Chinese tech giant Baidu Inc witnessed a significant 48% drop in profits, surpassing initial estimates and highlighting the substantial investment required for AI development. This downturn, as reported by Bloomberg, underscores the escalating costs associated with training and advancing artificial intelligence systems to stay competitive in the rapidly evolving AI landscape.
In the final quarter of 2023, Baidu reported a net income of 2.6 billion yuan (approximately $361 million), falling short of projections primarily due to equity accounting for preferred shares. However, despite this setback, Baidu managed to achieve a 6% increase in revenue, attributed partly to the success of its ChatGPT-style service in boosting advertising sales amid challenging economic conditions. Nonetheless, Baidu’s shares experienced a 2% decline in New York.

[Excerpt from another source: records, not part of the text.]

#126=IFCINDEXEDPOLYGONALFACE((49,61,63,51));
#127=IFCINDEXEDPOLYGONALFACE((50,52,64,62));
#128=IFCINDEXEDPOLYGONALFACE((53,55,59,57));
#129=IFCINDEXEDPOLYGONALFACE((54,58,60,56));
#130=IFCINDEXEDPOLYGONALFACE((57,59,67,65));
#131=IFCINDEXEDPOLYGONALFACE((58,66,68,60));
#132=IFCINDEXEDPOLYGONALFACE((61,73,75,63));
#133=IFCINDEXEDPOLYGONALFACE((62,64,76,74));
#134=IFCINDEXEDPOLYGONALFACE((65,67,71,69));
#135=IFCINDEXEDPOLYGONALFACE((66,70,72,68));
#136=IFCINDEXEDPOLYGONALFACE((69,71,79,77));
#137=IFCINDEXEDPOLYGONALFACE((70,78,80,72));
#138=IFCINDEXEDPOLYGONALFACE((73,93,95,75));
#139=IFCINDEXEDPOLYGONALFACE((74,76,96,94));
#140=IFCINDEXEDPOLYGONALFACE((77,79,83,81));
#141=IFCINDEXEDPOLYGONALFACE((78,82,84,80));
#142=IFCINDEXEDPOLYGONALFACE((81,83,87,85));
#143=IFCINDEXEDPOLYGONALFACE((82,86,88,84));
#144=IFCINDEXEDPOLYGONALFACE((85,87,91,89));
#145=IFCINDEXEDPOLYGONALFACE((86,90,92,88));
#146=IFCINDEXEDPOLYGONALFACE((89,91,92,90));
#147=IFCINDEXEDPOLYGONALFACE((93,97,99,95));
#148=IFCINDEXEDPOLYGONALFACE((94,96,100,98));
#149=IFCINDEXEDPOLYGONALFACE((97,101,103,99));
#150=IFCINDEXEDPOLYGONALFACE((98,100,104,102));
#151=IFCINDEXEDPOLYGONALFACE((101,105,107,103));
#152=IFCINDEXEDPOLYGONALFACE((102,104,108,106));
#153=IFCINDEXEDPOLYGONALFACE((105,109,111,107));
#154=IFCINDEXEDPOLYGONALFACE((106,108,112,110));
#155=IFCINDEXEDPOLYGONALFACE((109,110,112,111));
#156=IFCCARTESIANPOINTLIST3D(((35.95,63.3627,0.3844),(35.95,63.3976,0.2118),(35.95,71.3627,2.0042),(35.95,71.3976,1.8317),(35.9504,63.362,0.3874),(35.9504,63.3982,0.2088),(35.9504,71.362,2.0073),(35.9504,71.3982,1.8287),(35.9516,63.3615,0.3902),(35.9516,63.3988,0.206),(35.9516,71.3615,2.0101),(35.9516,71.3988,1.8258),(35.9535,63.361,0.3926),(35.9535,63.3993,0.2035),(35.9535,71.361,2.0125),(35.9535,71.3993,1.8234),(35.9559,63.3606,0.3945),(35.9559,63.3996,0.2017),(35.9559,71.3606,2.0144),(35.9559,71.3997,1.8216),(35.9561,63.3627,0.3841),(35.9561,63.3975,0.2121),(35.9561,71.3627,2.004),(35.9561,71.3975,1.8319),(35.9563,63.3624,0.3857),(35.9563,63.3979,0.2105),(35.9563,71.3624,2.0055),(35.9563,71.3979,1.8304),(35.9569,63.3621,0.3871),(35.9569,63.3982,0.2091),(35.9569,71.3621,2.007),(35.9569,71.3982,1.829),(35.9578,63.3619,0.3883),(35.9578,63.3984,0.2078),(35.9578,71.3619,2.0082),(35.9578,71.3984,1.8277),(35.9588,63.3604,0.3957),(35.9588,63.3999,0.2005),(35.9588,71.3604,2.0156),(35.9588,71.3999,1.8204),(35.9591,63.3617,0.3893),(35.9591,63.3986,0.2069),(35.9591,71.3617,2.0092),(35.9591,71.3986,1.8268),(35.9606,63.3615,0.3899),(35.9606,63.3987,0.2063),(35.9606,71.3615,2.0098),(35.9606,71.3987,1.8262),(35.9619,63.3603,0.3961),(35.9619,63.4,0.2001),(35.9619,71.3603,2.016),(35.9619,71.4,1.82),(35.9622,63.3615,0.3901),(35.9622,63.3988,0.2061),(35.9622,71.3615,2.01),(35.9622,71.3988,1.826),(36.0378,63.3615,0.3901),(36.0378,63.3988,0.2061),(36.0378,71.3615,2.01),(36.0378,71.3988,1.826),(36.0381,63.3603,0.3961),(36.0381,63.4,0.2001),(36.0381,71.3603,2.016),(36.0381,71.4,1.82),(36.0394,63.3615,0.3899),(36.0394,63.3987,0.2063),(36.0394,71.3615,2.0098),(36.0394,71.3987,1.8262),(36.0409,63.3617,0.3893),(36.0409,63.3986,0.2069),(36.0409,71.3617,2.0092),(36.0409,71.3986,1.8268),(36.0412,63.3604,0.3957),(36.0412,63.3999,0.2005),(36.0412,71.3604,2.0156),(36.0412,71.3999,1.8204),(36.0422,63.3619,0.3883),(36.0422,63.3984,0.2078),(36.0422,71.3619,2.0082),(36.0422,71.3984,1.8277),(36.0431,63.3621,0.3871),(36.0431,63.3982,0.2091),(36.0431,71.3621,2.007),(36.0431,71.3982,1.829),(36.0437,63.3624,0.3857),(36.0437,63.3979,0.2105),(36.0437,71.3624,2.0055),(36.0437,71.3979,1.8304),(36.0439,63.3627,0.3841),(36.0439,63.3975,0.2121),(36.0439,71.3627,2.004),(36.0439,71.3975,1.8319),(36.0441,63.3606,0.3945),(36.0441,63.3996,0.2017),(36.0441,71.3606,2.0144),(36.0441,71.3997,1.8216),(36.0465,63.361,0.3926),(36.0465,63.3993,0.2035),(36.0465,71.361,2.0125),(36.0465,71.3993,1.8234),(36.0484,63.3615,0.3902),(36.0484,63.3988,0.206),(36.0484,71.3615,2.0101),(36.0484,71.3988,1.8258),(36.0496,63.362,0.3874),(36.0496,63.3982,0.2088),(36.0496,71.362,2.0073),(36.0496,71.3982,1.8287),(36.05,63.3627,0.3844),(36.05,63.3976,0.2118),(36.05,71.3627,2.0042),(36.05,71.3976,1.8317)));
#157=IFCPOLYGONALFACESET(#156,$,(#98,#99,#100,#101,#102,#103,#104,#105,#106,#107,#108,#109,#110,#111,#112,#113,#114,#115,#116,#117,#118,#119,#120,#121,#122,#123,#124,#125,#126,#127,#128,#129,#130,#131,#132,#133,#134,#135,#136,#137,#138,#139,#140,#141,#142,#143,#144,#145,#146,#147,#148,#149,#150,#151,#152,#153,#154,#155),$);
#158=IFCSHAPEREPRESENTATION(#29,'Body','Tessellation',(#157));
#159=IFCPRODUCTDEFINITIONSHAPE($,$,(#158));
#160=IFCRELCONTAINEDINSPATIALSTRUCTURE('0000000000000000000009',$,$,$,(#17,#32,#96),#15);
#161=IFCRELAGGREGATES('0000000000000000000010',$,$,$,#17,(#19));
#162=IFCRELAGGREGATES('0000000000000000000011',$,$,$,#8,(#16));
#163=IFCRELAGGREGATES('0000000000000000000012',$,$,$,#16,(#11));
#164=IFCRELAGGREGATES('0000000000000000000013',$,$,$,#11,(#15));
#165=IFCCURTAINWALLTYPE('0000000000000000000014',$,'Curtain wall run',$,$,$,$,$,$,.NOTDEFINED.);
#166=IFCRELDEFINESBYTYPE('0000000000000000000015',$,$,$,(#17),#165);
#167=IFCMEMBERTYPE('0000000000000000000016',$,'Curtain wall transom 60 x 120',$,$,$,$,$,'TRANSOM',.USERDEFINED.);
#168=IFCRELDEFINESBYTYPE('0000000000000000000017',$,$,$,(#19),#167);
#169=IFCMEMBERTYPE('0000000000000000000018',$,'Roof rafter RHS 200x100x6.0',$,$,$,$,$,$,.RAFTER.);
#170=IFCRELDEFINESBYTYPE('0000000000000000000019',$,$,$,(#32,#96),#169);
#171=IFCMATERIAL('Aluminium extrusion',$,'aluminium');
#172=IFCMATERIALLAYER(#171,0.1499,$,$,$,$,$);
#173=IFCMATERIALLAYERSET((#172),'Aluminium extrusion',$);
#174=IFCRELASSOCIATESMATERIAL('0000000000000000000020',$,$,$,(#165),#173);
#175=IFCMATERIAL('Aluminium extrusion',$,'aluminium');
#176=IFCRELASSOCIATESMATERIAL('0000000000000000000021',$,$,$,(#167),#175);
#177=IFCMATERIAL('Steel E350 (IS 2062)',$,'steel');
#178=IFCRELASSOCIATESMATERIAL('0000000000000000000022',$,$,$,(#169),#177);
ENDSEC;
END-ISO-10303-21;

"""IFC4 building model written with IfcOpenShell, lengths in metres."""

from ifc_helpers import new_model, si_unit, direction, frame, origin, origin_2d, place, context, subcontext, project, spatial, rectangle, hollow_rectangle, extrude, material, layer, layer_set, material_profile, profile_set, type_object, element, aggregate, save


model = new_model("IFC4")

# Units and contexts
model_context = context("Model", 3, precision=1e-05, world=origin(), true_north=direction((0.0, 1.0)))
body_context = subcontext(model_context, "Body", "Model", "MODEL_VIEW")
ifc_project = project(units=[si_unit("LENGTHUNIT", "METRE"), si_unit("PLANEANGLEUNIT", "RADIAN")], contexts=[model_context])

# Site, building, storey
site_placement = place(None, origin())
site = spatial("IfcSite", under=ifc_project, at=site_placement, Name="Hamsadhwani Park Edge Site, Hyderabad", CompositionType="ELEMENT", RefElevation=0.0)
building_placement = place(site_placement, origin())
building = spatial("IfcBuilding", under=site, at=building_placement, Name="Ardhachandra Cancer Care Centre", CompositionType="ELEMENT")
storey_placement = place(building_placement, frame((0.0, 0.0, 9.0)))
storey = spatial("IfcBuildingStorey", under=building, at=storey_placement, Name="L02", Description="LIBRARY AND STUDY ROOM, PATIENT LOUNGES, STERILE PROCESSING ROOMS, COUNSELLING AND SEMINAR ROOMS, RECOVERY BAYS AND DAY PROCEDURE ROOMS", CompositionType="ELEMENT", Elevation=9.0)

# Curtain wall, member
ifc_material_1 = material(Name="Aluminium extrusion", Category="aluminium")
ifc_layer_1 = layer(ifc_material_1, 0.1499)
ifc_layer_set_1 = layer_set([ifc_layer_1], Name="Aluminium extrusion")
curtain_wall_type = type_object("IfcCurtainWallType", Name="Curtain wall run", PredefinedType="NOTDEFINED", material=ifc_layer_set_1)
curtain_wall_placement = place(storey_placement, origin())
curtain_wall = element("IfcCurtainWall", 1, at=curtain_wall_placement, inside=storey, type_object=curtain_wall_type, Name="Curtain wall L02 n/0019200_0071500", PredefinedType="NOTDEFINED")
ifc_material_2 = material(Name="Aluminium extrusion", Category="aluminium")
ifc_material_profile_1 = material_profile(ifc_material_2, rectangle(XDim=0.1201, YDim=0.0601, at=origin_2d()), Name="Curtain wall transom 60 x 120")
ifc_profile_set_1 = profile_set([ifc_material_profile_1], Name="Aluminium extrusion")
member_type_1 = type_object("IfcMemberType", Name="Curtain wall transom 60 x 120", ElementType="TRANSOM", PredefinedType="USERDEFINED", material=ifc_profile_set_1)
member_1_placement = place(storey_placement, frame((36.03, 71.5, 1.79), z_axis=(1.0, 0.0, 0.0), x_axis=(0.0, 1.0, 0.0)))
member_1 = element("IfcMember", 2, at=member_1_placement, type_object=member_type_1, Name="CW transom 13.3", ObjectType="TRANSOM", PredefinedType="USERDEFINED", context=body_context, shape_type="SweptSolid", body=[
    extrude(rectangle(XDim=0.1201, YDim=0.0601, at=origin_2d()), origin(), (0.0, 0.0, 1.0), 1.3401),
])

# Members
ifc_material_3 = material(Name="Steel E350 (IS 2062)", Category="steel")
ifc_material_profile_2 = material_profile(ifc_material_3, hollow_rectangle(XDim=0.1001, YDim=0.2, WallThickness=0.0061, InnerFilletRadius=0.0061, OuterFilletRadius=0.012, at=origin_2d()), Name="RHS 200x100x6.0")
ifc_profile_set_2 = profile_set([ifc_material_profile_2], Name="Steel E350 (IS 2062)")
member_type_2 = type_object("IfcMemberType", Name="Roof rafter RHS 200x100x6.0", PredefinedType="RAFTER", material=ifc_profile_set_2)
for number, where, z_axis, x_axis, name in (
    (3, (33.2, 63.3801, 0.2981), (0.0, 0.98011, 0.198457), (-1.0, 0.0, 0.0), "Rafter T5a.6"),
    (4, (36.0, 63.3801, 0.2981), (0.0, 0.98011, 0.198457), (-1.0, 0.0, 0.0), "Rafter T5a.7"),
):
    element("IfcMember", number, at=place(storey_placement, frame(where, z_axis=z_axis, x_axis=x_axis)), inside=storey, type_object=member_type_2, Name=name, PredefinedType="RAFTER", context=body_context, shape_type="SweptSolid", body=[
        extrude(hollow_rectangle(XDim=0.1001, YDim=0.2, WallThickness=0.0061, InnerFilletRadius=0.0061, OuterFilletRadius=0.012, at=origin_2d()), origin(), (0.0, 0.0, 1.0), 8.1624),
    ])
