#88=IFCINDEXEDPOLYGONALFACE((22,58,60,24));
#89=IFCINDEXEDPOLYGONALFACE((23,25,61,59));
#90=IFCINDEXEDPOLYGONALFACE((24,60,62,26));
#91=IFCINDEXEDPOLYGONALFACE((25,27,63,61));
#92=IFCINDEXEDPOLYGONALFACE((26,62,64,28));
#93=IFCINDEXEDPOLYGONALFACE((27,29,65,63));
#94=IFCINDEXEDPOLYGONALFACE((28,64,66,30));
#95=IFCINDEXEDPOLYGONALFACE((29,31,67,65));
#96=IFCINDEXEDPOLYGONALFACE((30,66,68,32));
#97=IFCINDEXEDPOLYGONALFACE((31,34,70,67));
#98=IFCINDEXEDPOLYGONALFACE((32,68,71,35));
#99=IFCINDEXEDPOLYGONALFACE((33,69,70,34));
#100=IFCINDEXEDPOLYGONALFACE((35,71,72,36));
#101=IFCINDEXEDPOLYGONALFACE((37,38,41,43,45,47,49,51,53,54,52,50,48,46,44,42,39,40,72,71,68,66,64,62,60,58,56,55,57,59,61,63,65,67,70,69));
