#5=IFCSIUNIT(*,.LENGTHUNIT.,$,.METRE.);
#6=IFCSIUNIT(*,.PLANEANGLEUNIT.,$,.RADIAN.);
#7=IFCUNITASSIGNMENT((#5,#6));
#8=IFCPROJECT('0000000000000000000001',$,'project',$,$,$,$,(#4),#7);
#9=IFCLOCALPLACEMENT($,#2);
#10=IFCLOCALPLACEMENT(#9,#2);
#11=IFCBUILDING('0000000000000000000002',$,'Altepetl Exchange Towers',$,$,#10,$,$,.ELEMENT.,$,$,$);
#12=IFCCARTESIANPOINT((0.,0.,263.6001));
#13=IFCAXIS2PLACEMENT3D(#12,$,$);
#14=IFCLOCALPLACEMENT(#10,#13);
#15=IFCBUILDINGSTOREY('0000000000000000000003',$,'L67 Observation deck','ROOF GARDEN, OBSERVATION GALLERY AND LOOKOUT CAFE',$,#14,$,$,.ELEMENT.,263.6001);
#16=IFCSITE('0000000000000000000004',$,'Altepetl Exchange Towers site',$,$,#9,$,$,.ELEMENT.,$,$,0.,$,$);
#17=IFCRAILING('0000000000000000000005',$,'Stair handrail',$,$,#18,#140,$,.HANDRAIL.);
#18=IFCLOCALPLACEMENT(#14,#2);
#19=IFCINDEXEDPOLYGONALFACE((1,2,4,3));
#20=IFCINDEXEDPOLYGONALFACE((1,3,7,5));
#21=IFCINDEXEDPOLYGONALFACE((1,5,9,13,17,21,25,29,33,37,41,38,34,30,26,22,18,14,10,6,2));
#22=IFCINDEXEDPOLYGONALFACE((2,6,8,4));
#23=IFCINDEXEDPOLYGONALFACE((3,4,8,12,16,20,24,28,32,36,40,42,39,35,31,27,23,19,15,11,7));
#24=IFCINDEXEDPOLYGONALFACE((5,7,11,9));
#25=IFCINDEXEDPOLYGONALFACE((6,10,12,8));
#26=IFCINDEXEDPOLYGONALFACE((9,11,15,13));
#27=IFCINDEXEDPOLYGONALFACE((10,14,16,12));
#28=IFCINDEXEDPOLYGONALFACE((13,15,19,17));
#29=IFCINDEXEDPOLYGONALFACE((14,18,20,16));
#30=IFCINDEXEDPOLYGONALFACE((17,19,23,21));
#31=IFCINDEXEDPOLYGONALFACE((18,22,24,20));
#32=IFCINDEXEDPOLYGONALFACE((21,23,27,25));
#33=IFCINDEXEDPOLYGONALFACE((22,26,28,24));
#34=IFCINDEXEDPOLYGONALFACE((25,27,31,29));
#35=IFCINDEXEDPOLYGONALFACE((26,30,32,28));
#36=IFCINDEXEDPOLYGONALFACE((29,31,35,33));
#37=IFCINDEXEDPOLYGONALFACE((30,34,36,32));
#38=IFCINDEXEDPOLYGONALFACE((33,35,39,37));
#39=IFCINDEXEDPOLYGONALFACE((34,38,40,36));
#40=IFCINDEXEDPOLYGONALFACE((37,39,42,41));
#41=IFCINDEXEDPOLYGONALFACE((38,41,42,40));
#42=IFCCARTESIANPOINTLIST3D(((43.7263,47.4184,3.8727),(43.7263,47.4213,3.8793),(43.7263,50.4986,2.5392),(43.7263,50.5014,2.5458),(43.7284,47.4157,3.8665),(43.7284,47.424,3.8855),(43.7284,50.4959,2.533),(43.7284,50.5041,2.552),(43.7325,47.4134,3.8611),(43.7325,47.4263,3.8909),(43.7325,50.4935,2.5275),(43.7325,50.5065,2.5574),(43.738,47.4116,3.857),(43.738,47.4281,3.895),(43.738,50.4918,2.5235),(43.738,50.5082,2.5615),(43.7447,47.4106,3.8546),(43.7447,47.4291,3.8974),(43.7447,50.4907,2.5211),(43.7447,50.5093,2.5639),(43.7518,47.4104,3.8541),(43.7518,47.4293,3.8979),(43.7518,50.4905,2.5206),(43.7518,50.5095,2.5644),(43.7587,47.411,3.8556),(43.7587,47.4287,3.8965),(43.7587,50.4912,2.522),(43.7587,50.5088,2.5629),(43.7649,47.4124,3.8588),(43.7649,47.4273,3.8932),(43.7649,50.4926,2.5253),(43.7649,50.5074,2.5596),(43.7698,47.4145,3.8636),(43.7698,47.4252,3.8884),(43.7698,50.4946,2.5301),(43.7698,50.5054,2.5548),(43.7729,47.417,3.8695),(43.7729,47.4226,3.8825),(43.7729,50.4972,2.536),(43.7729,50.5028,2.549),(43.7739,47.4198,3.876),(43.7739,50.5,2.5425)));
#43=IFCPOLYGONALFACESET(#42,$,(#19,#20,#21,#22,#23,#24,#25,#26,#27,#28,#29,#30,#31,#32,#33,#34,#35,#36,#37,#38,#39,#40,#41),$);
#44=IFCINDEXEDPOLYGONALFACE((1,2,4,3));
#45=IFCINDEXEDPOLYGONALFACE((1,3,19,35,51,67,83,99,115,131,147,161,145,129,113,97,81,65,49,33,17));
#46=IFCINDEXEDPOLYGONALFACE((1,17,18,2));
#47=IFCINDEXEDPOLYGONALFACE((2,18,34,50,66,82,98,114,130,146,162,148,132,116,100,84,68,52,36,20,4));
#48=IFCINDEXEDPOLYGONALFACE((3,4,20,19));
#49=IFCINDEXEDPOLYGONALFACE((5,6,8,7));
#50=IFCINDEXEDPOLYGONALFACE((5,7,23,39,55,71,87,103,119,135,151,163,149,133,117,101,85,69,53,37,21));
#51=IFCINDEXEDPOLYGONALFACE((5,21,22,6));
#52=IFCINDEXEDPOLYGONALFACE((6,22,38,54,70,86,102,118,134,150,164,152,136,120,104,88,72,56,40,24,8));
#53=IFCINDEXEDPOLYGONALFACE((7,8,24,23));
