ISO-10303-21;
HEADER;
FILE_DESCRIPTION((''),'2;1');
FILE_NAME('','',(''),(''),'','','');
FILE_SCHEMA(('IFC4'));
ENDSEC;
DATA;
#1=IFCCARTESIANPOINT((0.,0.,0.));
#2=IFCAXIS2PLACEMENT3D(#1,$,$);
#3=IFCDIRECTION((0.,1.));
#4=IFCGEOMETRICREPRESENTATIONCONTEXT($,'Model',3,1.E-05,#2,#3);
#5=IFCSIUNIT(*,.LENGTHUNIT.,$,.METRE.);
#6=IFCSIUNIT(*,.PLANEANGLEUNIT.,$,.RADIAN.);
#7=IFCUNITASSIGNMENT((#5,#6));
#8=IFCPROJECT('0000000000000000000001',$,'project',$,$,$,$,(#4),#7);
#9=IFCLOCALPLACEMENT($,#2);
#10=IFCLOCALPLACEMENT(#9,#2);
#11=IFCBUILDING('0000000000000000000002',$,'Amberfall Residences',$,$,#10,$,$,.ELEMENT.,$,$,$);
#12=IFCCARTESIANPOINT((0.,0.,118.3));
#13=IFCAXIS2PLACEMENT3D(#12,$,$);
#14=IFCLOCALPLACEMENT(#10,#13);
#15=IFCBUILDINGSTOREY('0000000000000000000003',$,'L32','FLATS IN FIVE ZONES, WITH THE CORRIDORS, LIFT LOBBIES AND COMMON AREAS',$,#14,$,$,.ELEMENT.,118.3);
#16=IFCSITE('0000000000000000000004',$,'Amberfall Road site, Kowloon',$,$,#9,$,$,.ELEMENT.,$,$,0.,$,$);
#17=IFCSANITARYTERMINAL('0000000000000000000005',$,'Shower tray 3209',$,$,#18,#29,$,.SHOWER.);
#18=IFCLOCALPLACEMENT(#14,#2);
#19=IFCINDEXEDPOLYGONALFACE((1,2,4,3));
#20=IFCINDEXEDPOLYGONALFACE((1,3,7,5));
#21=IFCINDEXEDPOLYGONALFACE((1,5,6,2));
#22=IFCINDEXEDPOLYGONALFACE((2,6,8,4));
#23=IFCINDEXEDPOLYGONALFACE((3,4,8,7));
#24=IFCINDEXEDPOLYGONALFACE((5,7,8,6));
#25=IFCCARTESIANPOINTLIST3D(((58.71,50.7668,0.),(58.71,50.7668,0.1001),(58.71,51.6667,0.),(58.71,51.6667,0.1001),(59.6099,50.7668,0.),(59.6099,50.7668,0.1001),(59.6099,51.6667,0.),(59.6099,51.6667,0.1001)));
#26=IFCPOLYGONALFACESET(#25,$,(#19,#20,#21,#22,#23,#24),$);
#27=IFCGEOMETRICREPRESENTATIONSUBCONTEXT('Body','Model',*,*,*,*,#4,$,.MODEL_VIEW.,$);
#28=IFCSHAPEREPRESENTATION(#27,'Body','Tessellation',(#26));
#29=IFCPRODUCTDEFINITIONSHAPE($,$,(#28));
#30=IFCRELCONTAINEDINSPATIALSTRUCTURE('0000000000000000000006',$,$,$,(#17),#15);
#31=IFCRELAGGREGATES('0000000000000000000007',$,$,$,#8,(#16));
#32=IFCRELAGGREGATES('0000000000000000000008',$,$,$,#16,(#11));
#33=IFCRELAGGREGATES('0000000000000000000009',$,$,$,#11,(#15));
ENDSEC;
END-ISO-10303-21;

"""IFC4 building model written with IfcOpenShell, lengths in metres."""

from ifc_helpers import new_model, si_unit, direction, frame, origin, origin_2d, place, context, subcontext, project, spatial, rectangle, extrude, element, save


model = new_model("IFC4")

# Units and contexts
model_context = context("Model", 3, precision=1e-05, world=origin(), true_north=direction((0.0, 1.0)))
body_context = subcontext(model_context, "Body", "Model", "MODEL_VIEW")
ifc_project = project(units=[si_unit("LENGTHUNIT", "METRE"), si_unit("PLANEANGLEUNIT", "RADIAN")], contexts=[model_context])

# Site, building, storey
site_placement = place(None, origin())
site = spatial("IfcSite", under=ifc_project, at=site_placement, Name="Amberfall Road site, Kowloon", CompositionType="ELEMENT", RefElevation=0.0)
building_placement = place(site_placement, origin())
building = spatial("IfcBuilding", under=site, at=building_placement, Name="Amberfall Residences", CompositionType="ELEMENT")
storey_placement = place(building_placement, frame((0.0, 0.0, 118.3)))
storey = spatial("IfcBuildingStorey", under=building, at=storey_placement, Name="L32", Description="FLATS IN FIVE ZONES, WITH THE CORRIDORS, LIFT LOBBIES AND COMMON AREAS", CompositionType="ELEMENT", Elevation=118.3)

# Sanitary terminal
sanitary_terminal_1_placement = place(storey_placement, frame((59.1599, 51.2168, 0.0), z_axis=(0.0, 0.0, 1.0), x_axis=(1.0, 0.0, 0.0)))
element("IfcSanitaryTerminal", 1, at=sanitary_terminal_1_placement, inside=storey, Name="Shower tray 3209", PredefinedType="SHOWER", context=body_context, shape_type="SweptSolid", body=[
    extrude(rectangle(XDim=0.8999, YDim=0.8999, at=origin_2d()), origin(), (0.0, 0.0, 1.0), 0.1001),
])

save(model, "model.ifc")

These disappointing figures follow a trend of lackluster performance from other major Chinese tech players like Alibaba Group Holding Ltd., signaling broader challenges facing the private sector in China, which once drove considerable economic growth.
To revitalize its business, Baidu has formed partnerships with Silicon Valley giants such as Microsoft Corp. and Google to explore opportunities in monetizing generative AI. While Baidu’s AI model, Ernie, shows promise with expectations of generating “several billion yuan” in additional revenue through advertising and cloud services in 2024, its revenue remains modest compared to its primary income source—search ads. Despite a notable 11% growth in revenue from its cloud division, research and development costs surged by the same percentage, primarily due to investments in server infrastructure to support generative AI development.
Founder Robin Li remains optimistic about Baidu’s AI initiatives, expressing confidence in the company’s ability to sustain its efforts with ample resources at its disposal.